Lawyers lambast $43.1m cut

TASMANIA'S lawyers have excoriated the federal government for ripping $43.1 million from free legal services.

The Coalition announced the cuts this week, saying the money would go to bolstering the budget over four years.

But critics said the cuts created a "false economy" as a growing number of people were forced to represent themselves in court.

Court proceedings are then bogged down and costs blow out.

The government said the cuts wouldn't affect front-line services but the legal fraternity is sceptical. Women's Legal Service Tasmania's chief executive Susan Fahey, whose sector faces a $19.1 million cut, said services were already stretched.

Her centre runs on a core funding of $210,000 a year and provides free legal services to often vulnerable and disadvantaged women.

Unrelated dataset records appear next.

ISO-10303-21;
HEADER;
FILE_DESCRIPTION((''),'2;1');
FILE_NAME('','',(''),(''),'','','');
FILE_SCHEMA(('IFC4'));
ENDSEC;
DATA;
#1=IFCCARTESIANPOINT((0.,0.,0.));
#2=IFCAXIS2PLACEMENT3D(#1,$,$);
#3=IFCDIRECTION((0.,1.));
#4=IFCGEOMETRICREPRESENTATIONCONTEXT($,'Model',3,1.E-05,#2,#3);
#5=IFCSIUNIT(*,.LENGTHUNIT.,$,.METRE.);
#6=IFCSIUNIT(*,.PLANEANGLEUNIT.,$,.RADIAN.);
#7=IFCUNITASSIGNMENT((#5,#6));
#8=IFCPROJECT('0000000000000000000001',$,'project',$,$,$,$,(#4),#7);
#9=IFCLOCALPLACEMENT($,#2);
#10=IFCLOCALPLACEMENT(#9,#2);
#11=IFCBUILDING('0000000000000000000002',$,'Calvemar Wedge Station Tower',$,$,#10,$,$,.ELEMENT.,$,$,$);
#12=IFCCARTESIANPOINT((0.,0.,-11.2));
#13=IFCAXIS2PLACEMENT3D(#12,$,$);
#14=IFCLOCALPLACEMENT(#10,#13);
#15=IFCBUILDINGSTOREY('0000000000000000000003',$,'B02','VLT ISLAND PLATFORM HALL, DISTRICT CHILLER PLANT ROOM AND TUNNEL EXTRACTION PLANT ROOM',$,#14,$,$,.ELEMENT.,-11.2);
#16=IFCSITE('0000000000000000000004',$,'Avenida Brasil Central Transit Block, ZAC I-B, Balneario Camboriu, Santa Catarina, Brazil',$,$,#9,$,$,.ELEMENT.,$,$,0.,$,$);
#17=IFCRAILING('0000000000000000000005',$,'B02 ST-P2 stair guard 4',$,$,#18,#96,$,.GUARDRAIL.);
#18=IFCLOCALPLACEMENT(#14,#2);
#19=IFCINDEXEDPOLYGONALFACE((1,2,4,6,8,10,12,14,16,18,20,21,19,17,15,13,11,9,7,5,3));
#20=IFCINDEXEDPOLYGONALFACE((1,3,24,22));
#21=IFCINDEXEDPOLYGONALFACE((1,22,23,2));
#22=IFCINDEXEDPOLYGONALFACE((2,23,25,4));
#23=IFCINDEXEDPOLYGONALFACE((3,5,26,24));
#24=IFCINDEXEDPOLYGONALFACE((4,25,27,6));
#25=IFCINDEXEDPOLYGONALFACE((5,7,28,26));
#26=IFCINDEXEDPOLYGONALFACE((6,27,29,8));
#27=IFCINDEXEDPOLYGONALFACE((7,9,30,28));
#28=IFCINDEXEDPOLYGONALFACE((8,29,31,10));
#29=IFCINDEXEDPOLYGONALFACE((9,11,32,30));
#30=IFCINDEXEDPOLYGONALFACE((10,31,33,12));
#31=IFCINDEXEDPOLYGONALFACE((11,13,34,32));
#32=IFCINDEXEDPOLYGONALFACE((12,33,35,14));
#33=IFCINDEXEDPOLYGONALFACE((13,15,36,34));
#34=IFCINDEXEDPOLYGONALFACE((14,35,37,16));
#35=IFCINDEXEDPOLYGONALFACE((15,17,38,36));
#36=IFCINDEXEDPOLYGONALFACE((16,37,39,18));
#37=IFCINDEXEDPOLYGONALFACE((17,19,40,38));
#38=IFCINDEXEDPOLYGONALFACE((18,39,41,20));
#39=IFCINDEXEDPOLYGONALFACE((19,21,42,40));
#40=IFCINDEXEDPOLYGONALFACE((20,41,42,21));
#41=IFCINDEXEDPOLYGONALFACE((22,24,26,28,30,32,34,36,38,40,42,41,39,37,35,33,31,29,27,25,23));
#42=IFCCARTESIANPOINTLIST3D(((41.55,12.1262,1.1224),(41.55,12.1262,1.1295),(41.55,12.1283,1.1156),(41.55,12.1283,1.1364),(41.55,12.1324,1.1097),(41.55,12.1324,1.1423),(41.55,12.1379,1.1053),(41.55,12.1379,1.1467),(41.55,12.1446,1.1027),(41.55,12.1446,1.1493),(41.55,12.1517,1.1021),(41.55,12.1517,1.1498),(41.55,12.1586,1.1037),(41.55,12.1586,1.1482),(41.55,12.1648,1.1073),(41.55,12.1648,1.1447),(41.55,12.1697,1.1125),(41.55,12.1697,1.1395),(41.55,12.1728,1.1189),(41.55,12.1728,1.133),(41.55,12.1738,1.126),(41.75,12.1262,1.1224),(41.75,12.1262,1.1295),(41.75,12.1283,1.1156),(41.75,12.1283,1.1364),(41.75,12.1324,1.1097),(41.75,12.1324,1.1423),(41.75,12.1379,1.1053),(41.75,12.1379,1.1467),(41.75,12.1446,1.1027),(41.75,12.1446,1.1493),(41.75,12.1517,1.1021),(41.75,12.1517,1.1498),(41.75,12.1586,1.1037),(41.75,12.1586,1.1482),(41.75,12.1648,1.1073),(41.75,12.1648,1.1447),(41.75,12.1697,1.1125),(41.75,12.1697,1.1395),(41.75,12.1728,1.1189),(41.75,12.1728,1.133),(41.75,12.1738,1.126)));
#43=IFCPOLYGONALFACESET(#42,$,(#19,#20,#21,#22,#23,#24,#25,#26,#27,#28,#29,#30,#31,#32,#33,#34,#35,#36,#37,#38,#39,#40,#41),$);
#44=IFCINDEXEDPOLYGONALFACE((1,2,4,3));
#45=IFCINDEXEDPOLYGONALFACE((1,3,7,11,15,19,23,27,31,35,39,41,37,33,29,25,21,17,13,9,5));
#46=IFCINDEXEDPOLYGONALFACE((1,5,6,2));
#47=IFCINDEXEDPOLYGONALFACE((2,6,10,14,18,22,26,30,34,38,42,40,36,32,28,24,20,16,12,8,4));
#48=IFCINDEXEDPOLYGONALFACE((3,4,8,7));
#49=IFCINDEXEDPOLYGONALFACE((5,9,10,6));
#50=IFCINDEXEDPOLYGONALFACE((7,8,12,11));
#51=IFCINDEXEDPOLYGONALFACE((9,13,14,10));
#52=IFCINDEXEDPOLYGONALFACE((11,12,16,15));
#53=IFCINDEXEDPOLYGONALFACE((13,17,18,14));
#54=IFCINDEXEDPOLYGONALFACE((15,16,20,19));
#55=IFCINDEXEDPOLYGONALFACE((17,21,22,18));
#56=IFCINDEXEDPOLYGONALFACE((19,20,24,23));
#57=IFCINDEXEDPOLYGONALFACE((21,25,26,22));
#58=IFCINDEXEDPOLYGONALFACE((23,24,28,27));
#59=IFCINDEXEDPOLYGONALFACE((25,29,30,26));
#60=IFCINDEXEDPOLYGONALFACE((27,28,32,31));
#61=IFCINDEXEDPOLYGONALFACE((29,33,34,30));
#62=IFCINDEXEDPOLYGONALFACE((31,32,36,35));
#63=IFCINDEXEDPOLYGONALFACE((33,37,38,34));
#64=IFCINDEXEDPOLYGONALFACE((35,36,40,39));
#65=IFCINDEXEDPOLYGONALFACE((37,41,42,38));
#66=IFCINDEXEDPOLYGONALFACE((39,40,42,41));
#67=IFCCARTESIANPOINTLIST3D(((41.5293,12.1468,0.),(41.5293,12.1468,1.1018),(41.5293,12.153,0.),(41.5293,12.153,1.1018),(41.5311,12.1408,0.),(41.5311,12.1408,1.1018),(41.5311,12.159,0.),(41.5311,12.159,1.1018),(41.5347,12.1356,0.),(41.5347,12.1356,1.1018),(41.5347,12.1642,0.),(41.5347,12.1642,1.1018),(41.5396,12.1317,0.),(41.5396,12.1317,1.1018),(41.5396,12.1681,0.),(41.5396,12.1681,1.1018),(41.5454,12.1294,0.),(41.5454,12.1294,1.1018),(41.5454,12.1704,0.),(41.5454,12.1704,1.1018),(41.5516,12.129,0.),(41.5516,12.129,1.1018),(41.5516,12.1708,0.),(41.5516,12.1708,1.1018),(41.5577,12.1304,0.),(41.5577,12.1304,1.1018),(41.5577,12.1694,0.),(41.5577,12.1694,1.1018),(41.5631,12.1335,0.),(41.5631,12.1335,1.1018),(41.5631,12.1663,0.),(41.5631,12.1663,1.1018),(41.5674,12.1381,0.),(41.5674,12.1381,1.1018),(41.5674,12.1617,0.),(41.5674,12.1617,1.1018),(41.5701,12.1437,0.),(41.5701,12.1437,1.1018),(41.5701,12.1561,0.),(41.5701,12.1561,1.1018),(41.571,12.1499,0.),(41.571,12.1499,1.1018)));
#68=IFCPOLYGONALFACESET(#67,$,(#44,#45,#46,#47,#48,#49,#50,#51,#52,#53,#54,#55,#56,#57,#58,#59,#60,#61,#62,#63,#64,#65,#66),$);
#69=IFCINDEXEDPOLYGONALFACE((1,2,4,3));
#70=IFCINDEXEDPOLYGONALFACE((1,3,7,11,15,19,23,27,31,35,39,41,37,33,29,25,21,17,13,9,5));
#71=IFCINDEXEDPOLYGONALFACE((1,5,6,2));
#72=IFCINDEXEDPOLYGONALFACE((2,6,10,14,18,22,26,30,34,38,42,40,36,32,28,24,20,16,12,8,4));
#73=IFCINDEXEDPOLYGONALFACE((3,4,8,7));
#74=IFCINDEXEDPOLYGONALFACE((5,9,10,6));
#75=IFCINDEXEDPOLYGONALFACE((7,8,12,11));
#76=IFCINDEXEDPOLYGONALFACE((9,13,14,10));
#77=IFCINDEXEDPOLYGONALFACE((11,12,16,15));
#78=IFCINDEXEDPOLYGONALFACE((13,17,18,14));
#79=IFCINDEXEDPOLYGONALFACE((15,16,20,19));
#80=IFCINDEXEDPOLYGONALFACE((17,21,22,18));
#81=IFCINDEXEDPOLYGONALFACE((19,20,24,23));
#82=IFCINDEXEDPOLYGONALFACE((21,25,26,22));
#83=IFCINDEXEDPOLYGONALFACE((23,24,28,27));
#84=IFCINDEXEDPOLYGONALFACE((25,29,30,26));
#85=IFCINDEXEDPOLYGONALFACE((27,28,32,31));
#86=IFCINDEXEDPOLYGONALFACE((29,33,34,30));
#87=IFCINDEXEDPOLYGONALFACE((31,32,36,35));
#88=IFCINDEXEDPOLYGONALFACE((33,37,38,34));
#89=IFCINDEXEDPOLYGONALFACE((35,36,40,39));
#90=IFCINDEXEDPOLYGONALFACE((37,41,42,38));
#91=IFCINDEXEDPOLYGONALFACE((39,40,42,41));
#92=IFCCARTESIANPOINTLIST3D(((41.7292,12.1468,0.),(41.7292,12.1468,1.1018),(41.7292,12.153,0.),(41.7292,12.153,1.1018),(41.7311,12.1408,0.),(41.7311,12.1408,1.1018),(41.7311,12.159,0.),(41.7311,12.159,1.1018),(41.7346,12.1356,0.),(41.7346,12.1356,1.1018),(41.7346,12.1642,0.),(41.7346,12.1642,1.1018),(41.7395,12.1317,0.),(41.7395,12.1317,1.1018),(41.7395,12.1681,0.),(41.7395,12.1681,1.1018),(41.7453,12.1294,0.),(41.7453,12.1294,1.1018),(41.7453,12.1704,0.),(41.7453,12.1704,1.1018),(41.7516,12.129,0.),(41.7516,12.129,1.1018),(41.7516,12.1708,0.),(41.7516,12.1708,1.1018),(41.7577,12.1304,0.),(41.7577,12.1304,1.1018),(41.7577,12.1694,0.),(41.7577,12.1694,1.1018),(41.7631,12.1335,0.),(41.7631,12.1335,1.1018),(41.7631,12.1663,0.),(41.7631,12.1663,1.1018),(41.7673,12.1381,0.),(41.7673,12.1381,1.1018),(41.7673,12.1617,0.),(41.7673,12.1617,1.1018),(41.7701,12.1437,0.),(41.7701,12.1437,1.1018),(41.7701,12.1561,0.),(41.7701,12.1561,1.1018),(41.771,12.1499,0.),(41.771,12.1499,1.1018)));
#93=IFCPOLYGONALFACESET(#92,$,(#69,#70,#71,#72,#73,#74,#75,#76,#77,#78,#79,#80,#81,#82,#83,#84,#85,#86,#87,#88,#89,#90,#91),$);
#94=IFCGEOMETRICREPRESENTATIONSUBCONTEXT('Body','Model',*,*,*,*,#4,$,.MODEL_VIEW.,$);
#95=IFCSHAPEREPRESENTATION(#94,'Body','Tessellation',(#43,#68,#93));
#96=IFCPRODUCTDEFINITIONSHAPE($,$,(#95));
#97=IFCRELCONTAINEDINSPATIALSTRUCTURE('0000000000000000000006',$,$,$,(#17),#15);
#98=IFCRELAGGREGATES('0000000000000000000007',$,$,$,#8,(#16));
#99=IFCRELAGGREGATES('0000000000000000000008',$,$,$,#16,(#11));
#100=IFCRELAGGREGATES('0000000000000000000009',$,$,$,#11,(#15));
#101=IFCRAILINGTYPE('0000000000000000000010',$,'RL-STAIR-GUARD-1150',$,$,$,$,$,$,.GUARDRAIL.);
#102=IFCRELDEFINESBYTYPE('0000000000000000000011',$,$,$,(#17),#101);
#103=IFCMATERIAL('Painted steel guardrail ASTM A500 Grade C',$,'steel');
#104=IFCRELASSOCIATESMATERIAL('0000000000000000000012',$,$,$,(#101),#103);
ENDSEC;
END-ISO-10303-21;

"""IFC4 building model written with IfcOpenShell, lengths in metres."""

from ifc_helpers import new_model, si_unit, direction, frame, origin, origin_2d, place, context, subcontext, project, spatial, circle, extrude, material, type_object, element, save


model = new_model("IFC4")

# Units and contexts
model_context = context("Model", 3, precision=1e-05, world=origin(), true_north=direction((0.0, 1.0)))
body_context = subcontext(model_context, "Body", "Model", "MODEL_VIEW")
ifc_project = project(units=[si_unit("LENGTHUNIT", "METRE"), si_unit("PLANEANGLEUNIT", "RADIAN")], contexts=[model_context])

# Site, building, storey
site_placement = place(None, origin())
site = spatial("IfcSite", under=ifc_project, at=site_placement, Name="Avenida Brasil Central Transit Block, ZAC I-B, Balneario Camboriu, Santa Catarina, Brazil", CompositionType="ELEMENT", RefElevation=0.0)
building_placement = place(site_placement, origin())
building = spatial("IfcBuilding", under=site, at=building_placement, Name="Calvemar Wedge Station Tower", CompositionType="ELEMENT")
storey_placement = place(building_placement, frame((0.0, 0.0, -11.2)))
storey = spatial("IfcBuildingStorey", under=building, at=storey_placement, Name="B02", Description="VLT ISLAND PLATFORM HALL, DISTRICT CHILLER PLANT ROOM AND TUNNEL EXTRACTION PLANT ROOM", CompositionType="ELEMENT", Elevation=-11.2)

# Railing
ifc_material_1 = material(Name="Painted steel guardrail ASTM A500 Grade C", Category="steel")
railing_type = type_object("IfcRailingType", Name="RL-STAIR-GUARD-1150", PredefinedType="GUARDRAIL", material=ifc_material_1)
railing_1_placement = place(storey_placement, frame((41.55, 12.1499, 0.0)))
element("IfcRailing", 1, at=railing_1_placement, inside=storey, type_object=railing_type, Name="B02 ST-P2 stair guard 4", PredefinedType="GUARDRAIL", context=body_context, shape_type="SweptSolid", body=[
    extrude(circle(Radius=0.0239, at=origin_2d()), frame((0.0, 0.0, 1.126), z_axis=(1.0, 0.0, 0.0), x_axis=(0.0, 1.0, 0.0)), (0.0, 0.0, 1.0), 0.2),
    extrude(circle(Radius=0.021, at=origin_2d()), origin(), (0.0, 0.0, 1.0), 1.1018),
    extrude(circle(Radius=0.021, at=origin_2d()), frame((0.2, 0.0, 0.0)), (0.0, 0.0, 1.0), 1.1018),
])

save(model, "model.ifc")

Ms Fahey is expecting the first wave of cuts totalling $4 million to take effect in July 2015.

"We provide very critical early intervention before it becomes a big legal problem, that saves the community a lot of money," she said.

The Law Society of Tasmania condemned the cuts, saying the state's Legal Aid Commission's budget was already in crisis.

Earlier this year, the commission tightened its funding protocol, after a budget blowout, for mainly Commonwealth matters.

It won't fund lawyers for family law matters unless the other party has one.

"If the legal aid commission itself was to suffer (cuts) it will compound this situation and we'll have very many more people without a lawyer in Commonwealth matters," society president Anthony Mihal said.

Mr Mihal feared Tasmania could follow Victoria where victims of family violence have been cross-examined by perpetrators because nobody has a lawyer.

"There is great potential for that to happen here," he said.

Nationwide, legal aid commissions are expected to lose $6.5 million, however it is not known which states will be targeted.

Aboriginal legal centres and the Family Violence Prevention Legal Services will bear the brunt of the rest of the funding cuts.

Mr Mihal said the closure of Tasmania's Aboriginal legal service would put huge financial pressure on the commission.